Uma figura completamente única na música, uma mistura de alienígena com voz de cantora de ópera, este era Klaus Nomi.
Klaus nasceu na Alemanha, onde desde cedo era um apaixonado pela música clássica, especialmente pelas divas de ópera.
Não demorou muito para que ele trocasse seu país de origem pela efervescente cena nova-iorquina de meados dos anos 70.
Lá ele conheceu vários artistas performáticos como Ann Magnuson, que lhe deu uma oportunidade de se apresentar no New Wave Vaudeville no Irving Plaza em NY em 1978:
Em um destes shows, ele foi convidado para se apresentar no Max Kansa’s City, onde fizeram um show centrado na figura de Klaus Nomi, um show de vanguarda, com figurinos absurdos e temática new wave, com muitas referências visuais de filmes espaciais dos anos 50.
Klaus tornou-se uma figura conhecida no underground nova-iorquino, colaborando com artistas como Joey Arias, Man Parrish (um dos pioneiros da música eletrônica), Kenny Scharf, entre outros.
Klaus passou a tocar nos clubs new wave da época como o Hurrah!, Danceteria, Mudd Club e até mesmo uma histórica apresentação na discoteca Xenon em 1980. Abaixo ele interpreta “Lightning strikes”:
Um de suas apresentações mais famosas foi quando ele tocou num evento na loja da Fiorucci (onde Joey Arias, um de seus backing vocals trabalhava) em NY nos anos 80, com a vitrine sendo ocupada por ele e dançarinos new wave, como vemos no vídeo abaixo:
Seus espetáculos eram altamente admirados pelos artistas de vanguarda da época, entre eles, David Bowie, que se apaixonou pelo show de Klaus, convidando-o a se apresentar com ele em uma aparição histórica no Saturday Night Live em 1979. O vídeo é excepcional, com aquelas figuras estranhas e Bowie vestindo um figurino dadaísta e interpretando “The man Who sold the world”:
Klaus estava à frente do seu tempo, seus shows eram muito modernos para a época, seu trabalho era muito requintado, cantando músicas em falsetto com uma voz digna de uma cantora de ópera e com bases no estilo Kraftwerk.
Sua aparição no SNL abriu-lhe as portas e assim ele viajou para vários lugares, incluindo o Japão, onde fez bastante sucesso.
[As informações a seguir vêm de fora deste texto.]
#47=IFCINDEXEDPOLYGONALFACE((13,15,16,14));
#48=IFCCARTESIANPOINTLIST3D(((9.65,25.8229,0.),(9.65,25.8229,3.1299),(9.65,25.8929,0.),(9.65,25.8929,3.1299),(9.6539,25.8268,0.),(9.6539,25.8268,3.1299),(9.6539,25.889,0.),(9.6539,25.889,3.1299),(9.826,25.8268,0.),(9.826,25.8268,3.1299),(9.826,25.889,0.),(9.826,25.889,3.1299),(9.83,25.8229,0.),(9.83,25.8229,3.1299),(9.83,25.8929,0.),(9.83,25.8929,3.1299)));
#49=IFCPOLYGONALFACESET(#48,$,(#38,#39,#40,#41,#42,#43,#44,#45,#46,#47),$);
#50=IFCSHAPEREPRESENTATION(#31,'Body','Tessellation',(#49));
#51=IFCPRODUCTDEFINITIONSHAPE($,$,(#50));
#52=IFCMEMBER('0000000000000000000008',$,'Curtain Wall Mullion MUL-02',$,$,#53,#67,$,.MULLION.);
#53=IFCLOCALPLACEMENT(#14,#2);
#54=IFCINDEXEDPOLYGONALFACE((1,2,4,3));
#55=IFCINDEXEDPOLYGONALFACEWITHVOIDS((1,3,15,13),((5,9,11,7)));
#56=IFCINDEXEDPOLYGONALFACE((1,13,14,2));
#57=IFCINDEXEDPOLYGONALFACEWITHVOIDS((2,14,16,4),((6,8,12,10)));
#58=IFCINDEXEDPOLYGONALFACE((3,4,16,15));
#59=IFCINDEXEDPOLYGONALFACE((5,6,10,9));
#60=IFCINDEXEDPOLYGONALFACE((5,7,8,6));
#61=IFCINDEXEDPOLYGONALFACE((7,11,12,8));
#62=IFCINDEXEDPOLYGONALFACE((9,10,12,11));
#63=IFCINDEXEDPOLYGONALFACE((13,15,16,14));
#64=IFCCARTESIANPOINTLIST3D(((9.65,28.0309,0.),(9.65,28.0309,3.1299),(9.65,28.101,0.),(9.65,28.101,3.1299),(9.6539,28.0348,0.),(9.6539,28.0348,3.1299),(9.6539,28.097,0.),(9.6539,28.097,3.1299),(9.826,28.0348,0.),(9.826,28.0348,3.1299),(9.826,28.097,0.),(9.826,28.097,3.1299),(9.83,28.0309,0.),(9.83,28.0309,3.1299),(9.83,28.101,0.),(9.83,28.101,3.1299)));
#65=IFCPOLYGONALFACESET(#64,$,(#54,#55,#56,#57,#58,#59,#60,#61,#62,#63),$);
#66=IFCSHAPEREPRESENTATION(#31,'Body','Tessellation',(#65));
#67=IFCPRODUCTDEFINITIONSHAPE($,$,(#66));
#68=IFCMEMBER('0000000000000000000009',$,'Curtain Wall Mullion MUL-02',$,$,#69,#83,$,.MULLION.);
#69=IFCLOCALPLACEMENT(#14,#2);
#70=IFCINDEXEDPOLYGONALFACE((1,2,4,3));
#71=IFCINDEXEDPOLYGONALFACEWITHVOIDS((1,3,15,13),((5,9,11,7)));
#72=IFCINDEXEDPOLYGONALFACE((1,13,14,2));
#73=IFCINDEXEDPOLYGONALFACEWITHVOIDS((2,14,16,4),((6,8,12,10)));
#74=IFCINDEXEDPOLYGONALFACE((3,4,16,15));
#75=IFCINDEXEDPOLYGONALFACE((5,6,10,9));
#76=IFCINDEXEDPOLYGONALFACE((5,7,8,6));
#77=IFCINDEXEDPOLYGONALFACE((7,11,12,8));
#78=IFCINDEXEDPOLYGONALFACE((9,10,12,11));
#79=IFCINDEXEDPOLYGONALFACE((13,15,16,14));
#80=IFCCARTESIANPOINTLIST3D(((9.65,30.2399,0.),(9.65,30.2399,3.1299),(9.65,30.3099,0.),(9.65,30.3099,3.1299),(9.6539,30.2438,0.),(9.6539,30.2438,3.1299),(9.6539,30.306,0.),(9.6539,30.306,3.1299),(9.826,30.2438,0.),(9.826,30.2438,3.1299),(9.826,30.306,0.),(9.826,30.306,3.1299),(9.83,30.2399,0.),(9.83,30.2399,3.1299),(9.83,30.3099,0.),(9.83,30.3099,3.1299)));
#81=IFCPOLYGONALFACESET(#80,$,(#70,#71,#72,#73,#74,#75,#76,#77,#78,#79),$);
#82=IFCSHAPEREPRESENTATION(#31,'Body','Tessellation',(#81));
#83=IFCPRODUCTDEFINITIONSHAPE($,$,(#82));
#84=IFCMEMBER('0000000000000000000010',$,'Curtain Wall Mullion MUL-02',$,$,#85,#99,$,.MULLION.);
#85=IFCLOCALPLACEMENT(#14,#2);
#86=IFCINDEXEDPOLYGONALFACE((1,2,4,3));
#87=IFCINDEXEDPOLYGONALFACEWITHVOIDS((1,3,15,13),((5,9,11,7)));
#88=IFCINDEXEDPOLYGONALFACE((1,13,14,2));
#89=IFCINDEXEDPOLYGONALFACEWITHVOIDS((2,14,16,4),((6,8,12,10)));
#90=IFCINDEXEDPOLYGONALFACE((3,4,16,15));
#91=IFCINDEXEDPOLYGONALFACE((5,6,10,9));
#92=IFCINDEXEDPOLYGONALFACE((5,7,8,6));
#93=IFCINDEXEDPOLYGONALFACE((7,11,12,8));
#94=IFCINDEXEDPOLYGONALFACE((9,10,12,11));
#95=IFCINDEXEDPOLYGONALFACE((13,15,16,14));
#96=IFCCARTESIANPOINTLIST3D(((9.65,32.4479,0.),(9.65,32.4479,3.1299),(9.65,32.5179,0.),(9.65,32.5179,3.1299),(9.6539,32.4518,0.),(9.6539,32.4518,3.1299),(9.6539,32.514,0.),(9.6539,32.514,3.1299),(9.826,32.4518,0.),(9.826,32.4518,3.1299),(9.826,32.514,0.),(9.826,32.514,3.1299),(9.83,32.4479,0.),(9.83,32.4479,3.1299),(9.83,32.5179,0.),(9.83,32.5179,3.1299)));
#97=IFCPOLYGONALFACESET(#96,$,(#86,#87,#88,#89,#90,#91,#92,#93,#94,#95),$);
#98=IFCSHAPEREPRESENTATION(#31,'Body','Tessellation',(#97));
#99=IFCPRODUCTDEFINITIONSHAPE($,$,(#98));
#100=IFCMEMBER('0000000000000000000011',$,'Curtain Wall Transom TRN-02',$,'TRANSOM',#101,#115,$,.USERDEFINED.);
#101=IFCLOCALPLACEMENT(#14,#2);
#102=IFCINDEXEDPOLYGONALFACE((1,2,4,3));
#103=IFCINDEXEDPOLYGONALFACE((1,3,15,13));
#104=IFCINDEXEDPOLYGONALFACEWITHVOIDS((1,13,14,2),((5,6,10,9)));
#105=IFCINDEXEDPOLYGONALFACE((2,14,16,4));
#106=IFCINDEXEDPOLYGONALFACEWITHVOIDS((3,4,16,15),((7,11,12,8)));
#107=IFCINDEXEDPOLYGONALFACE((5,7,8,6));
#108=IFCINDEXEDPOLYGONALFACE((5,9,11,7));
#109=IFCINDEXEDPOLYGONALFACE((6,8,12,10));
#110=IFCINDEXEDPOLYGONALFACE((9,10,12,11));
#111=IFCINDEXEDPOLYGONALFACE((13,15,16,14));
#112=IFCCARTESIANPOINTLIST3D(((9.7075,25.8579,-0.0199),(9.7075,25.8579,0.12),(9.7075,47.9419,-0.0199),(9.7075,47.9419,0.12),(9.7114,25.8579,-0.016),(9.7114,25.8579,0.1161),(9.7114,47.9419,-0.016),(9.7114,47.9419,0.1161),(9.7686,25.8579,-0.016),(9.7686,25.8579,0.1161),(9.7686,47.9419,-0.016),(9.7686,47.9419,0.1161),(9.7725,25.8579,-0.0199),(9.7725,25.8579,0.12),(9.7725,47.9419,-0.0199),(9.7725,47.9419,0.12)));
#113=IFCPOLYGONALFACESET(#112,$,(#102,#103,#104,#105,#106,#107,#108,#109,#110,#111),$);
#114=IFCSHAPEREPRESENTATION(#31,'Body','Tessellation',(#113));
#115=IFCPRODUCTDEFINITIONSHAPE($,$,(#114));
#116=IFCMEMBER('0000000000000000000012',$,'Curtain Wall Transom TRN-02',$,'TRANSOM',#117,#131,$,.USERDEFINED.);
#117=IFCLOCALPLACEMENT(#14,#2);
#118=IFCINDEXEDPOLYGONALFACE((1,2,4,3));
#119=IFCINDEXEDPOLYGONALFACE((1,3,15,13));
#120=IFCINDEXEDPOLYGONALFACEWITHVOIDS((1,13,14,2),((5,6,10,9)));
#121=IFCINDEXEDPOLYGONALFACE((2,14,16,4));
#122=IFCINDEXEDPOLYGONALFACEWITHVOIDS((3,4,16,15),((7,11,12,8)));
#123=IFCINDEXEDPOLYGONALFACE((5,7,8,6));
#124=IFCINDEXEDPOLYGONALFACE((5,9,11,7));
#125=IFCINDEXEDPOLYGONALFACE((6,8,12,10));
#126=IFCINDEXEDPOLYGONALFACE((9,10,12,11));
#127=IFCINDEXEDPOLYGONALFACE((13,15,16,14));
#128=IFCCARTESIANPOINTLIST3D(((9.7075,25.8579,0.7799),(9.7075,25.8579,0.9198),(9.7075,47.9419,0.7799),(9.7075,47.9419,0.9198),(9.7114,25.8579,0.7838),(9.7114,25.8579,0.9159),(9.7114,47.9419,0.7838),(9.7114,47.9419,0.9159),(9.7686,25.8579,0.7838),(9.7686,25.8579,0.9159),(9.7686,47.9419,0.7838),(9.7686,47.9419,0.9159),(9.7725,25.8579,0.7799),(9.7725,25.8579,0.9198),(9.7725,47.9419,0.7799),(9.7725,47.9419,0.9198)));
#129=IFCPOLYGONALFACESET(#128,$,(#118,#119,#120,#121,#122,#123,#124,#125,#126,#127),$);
Um de seus hits era “Total Eclipse”:
As gravadoras não sabiam como classificar sua música: era new wave? Pop? Clássico? Klaus teve que dar uma suavizada em seus shows, passando a ter uma banda com músicos normais. No fim, o que acabou fazendo mais sucesso foram suas músicas em que privilegia o clássico, com bases mais euro-pop.
Seu figurino continuava bem extravagante, um de seus looks com um smoking triangular ficou bem famoso, completado por sua maguiagem branca, sem sobrancelhas e com a boca pintada de batom preto, imagem esta que estamparia a capa de seu primeiro disco gravado pela RCA francesa em 1981.
O mundo da moda parisiense descobriu Klaus quando este se apresentou em Paris, no Palace, rendendo-se à sua figura especial e altamente fashion.
Klaus chegou a lançar um segundo trabalho, “Simple Man”, cujo clipe vemos abaixo:
Infelizmente quando Klaus tornava-se mais conhecido, ele foi diagnosticado com Aids, isto em 1983, sendo uma das primeiras celebridades a padecer desta terrível doença.
Uma de suas últimas apresentações foi com a linda interpretação de “The Cold Song” de Purcell:
A obra de Klaus Nomi continua sendo admirada e reconhecida por um público ligado em inovações musicais.
Em 2004, ele foi tema de um excelente documentário (disponível em sua totalidade no youtube) chamado ‘Nomi Song”.
Depois de sua morte, foram lançadas coletâneas e discos ao vivo recuperando um pouco de seu legado.